Wenn eine Strafe lebenslänglich sei, wieso müsse dann, wie bei Thomas Nick, zusätzlich noch die Verwahrung ausgesprochen werden, fragt sich Caroni. Es irritiere ihn, dass die lebenslange Freiheitsstrafe fast nie «lebenslang» sei. Denn: Wer keine Gefahr mehr für die Gesellschaft darstellt, kann unter Umständen tatsächlich auch bei lebenslänglich nach 15 Jahren bereits entlassen werden. Länger dauert die Strafe nur dann, wenn der Täter noch rückfallgefährdet ist.

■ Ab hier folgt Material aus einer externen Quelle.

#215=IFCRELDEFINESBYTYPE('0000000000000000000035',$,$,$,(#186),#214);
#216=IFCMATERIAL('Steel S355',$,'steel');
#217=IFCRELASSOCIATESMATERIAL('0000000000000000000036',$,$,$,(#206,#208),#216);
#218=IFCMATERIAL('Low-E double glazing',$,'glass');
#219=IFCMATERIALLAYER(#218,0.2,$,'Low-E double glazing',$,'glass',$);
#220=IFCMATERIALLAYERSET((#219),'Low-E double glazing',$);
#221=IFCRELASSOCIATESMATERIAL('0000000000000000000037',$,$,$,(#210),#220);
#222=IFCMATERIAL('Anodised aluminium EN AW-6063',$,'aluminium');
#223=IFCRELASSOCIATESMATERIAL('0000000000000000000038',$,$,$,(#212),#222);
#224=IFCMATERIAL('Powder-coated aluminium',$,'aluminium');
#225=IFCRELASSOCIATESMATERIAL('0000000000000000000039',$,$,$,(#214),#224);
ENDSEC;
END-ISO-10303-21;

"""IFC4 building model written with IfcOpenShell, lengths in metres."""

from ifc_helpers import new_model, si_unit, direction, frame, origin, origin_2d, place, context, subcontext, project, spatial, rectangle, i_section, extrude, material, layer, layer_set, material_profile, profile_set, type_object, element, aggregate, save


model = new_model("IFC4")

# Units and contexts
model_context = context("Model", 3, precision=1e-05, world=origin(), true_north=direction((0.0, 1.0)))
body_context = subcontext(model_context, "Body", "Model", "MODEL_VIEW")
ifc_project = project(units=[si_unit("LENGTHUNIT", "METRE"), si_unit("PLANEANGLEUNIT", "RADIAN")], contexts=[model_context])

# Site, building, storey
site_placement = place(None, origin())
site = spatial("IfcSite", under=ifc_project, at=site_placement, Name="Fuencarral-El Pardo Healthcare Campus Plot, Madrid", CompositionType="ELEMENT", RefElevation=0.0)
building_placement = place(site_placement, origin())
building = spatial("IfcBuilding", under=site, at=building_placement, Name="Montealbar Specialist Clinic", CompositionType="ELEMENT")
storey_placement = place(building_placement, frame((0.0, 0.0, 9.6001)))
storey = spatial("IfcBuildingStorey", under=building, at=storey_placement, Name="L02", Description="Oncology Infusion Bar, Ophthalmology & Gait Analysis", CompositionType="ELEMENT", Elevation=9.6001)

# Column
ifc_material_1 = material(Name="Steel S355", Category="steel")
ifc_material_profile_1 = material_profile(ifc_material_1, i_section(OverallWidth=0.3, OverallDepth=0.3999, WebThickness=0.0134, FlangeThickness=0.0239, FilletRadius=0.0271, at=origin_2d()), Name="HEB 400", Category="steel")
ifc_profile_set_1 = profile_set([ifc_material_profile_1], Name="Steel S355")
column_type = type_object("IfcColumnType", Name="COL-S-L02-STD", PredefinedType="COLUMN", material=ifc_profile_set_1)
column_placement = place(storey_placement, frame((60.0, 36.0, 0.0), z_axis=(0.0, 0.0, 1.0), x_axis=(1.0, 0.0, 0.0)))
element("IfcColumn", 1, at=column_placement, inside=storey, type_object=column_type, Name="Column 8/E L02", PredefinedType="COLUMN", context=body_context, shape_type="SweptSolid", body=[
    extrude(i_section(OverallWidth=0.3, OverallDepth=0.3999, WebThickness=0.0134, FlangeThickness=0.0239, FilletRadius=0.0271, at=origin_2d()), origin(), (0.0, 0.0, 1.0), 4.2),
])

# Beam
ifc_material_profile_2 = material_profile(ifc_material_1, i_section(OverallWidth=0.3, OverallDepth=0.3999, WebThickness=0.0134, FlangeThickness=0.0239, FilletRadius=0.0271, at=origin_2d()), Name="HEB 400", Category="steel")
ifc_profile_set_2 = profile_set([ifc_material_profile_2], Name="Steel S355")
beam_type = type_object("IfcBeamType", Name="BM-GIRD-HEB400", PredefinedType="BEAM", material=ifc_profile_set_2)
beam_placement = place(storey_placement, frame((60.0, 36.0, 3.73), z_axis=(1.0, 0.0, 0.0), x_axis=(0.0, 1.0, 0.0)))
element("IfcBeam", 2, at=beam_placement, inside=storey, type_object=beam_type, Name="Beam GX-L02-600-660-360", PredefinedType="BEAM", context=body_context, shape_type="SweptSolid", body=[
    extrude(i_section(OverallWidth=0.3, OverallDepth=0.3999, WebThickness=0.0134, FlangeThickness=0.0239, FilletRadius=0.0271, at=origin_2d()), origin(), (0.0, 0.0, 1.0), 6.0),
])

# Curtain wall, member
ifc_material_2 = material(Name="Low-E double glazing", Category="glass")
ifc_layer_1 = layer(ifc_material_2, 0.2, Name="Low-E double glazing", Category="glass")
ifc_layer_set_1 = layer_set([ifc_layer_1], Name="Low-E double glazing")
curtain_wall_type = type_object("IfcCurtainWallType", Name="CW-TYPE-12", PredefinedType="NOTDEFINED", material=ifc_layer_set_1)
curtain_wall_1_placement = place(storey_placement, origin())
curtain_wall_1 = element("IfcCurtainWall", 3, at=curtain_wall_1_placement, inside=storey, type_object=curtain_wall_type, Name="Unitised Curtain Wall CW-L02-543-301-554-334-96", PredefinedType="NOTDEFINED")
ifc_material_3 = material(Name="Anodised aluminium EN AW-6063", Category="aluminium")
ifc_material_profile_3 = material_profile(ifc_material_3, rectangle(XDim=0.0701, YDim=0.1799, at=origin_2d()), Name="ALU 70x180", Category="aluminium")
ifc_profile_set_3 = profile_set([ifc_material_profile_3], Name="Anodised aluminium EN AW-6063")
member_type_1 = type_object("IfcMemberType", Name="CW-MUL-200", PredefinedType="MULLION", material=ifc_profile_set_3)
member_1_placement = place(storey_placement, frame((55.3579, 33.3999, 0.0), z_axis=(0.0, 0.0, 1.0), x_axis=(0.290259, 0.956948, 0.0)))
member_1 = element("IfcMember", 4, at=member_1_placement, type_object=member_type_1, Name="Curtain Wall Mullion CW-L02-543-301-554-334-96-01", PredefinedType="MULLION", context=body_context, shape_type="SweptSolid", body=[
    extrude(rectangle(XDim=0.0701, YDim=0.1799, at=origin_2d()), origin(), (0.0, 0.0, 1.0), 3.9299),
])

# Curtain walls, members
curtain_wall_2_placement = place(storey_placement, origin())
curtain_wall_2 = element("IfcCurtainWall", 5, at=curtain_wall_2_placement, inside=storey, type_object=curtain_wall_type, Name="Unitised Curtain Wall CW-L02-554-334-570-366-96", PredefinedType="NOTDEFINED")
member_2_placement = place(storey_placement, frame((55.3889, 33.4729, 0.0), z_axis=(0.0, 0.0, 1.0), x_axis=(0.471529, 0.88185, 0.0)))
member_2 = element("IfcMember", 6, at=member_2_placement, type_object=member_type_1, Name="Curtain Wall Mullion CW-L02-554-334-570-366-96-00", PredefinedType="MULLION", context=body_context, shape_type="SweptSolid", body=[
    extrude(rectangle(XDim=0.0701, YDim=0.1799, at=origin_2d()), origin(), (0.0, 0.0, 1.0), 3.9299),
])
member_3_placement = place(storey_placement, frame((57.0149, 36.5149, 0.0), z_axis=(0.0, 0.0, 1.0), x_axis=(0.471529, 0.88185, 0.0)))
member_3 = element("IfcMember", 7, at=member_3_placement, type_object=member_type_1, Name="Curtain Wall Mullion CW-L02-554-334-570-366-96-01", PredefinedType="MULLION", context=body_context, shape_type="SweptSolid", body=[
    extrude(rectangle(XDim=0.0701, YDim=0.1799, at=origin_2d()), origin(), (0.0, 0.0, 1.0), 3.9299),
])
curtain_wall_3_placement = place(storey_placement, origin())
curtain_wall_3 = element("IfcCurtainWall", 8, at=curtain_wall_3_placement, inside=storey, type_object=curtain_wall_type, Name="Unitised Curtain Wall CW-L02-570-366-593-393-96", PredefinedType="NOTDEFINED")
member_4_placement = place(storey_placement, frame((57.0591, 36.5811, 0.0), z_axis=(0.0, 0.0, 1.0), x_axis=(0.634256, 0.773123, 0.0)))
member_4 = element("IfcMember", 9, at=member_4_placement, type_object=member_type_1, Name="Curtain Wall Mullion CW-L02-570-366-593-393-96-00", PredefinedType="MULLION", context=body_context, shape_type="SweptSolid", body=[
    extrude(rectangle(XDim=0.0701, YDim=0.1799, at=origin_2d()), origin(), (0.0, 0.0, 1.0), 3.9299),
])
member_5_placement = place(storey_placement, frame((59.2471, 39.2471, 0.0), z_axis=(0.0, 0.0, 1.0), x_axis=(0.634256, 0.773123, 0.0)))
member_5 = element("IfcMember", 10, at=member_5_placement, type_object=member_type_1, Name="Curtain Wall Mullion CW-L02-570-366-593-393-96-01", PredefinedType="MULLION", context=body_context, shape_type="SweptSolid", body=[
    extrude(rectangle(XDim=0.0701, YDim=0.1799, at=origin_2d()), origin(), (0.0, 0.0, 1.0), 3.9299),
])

«Andere Länder sind strenger»

«Die lebenslängliche Strafe ist heute eine Art Etikettenschwindel», sagt Caroni gegenüber CH Media. Deshalb setzt er sich nun für eine Verschärfung ein. Schliesslich sei die lebenslängliche Freiheitsstrafe die härteste Strafe in der Schweiz. «Sie muss daher das allerschwerste Verschulden abdecken können», findet der Appenzeller. Nicht rückfallgefährdete Völkermörder zum Beispiel: Sollen diese zwingend schon nach 15 Jahren entlassen werden?

Auch die Differenz zur nächsten Strafe – 20 Jahre – ist Caroni zu gering. Wer zu 20 Jahren Gefängnis verurteilt wird, kann theoretisch nach 13,3 Jahren bedingt entlassen werden – nur 1,7 Jahre früher als mit «lebenslänglich». Da seien andere Länder strenger, betont der Ständerat.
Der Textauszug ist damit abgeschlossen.